La méditation Miltonienne, au contraire, est ensemble celle d'un savant et d'un poète. Il reconnaît Spenser pour son maître de sagesse. Sa grande curiosité ingénue le rapprocherait plutôt, à certains égards, du père de la poésie anglaise, Geoffroy Chaucer. La science telle qu'il la conçoit est celle de son temps, c'est-à-dire qu'en tous ordres de connaissance elle prend pour guide l'Ecriture. Respectueuse de la vérité révélée, elle ne s'interdit cependant ni la liberté des recherches, ni l'originalité, parfois l'audace, des conceptions. Science totale, elle embrasse à la fois l'ordre physique et l'ordre moral, et, science religieuse, elle les concilie dans l'unité de la justice divine. La plus sublime des poésies lui donne enfin le sceau de l'infini et de l'absolu.

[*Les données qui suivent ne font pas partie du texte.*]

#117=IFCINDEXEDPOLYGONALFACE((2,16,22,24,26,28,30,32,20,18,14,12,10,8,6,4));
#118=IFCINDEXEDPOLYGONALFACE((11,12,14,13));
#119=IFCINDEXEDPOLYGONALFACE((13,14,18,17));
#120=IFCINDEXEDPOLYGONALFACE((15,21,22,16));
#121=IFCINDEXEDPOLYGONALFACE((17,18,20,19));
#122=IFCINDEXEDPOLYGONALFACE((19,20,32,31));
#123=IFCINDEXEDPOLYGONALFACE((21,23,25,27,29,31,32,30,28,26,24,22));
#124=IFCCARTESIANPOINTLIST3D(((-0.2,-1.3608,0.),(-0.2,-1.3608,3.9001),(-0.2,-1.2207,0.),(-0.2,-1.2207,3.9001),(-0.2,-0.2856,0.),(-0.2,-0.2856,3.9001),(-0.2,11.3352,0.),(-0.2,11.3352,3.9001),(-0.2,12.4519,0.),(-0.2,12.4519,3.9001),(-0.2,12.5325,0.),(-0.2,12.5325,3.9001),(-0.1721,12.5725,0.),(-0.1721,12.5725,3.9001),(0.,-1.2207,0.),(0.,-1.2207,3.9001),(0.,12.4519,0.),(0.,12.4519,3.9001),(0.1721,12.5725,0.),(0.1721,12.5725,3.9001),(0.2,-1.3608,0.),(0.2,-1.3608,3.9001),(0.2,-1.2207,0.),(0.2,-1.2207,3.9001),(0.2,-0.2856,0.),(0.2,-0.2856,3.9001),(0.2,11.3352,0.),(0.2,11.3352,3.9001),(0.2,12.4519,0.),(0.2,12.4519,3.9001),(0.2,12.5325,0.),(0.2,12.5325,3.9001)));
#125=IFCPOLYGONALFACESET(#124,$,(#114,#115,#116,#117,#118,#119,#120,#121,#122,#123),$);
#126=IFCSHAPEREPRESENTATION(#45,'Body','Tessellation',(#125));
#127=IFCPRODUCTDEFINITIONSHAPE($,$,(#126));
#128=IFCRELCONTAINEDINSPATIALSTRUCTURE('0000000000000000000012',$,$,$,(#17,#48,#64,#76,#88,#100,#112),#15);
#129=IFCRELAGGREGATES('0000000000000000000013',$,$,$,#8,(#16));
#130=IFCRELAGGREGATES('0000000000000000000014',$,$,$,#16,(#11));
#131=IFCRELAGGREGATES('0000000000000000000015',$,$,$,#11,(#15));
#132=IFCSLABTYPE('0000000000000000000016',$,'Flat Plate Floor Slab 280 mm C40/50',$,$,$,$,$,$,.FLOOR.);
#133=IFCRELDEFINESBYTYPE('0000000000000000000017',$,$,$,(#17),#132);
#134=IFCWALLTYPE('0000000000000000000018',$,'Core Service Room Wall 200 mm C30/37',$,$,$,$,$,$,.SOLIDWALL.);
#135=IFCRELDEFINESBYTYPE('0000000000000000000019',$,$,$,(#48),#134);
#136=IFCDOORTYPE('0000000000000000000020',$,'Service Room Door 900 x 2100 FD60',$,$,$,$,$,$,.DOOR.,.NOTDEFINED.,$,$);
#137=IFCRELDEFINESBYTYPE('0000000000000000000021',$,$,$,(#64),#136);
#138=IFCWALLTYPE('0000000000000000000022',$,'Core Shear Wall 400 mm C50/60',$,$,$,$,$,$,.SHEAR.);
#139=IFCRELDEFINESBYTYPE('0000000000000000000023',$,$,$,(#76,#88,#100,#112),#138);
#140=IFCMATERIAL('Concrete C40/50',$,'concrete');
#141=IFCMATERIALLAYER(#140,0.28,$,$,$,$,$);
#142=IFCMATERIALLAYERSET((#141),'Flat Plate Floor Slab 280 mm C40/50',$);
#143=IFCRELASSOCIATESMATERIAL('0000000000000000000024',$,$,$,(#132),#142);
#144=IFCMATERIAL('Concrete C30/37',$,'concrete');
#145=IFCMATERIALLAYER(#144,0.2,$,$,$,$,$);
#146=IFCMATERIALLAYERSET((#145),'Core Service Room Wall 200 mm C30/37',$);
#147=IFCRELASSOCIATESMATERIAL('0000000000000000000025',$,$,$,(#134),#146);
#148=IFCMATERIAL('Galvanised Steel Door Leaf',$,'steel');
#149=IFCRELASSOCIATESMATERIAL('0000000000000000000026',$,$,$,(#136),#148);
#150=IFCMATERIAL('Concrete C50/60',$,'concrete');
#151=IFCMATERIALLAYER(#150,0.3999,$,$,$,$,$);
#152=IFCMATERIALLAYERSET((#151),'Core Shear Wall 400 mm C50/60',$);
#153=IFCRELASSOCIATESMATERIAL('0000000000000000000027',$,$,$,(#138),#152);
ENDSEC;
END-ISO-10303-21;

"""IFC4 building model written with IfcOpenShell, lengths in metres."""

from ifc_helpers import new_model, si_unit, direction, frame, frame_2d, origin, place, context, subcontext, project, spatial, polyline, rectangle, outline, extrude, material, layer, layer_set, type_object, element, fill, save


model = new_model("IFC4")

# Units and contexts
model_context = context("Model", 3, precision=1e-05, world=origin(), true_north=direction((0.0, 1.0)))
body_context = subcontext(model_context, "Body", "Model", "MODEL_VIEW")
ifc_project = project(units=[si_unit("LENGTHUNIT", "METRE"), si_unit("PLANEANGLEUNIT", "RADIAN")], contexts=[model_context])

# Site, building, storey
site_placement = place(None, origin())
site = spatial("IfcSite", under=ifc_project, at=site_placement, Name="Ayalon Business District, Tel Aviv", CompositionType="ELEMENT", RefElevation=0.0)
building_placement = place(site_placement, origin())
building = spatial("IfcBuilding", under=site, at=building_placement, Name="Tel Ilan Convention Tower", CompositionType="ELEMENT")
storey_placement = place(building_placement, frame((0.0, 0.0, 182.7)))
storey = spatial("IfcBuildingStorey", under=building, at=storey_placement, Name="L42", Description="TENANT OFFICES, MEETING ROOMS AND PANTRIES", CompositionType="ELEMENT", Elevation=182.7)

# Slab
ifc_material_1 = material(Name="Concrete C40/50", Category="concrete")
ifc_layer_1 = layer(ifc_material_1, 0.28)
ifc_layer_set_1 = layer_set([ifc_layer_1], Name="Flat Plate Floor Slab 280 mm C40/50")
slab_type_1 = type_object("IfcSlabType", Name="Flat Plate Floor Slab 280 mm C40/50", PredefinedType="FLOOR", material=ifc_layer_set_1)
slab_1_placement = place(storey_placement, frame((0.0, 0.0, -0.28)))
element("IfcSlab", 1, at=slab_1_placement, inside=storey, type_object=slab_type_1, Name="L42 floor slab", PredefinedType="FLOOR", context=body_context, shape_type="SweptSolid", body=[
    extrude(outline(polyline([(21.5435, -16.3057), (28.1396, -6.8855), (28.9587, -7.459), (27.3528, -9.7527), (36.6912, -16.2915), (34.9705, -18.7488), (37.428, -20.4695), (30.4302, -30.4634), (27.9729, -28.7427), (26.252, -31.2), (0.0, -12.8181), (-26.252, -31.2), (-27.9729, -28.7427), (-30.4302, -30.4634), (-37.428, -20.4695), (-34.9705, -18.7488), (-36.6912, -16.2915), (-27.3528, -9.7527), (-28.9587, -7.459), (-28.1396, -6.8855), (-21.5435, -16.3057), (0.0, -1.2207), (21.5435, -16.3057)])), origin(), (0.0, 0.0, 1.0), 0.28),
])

Tels sont les différents modes de la pensée de Milton lorsque le poète s'arrête à considérer les grands phénomènes de la nature, et c'est, nul ne l'ignore, à sa cécité qu'étaient réservées les plus majestueuses visions.

Jeune, il se contentait d'aimables mythologies, hellénisme gracieusement mélangé de pensers modernes. C'est ce que laisse entrevoir le masque de Comus. Comus, fils de Circé et de Bacchus, hôte des forêts nocturnes, enchanteur aux breuvages avilissants, entoure de ses séductions une jeune voyageuse égarée dans les bois qu'il hante. Mais un bienveillant esprit veille sur la jeune fille, et la nymphe Sabrina, déesse de la rivière prochaine, vient en personne la délivrer, puis s'en va rejoindre Amphitrite.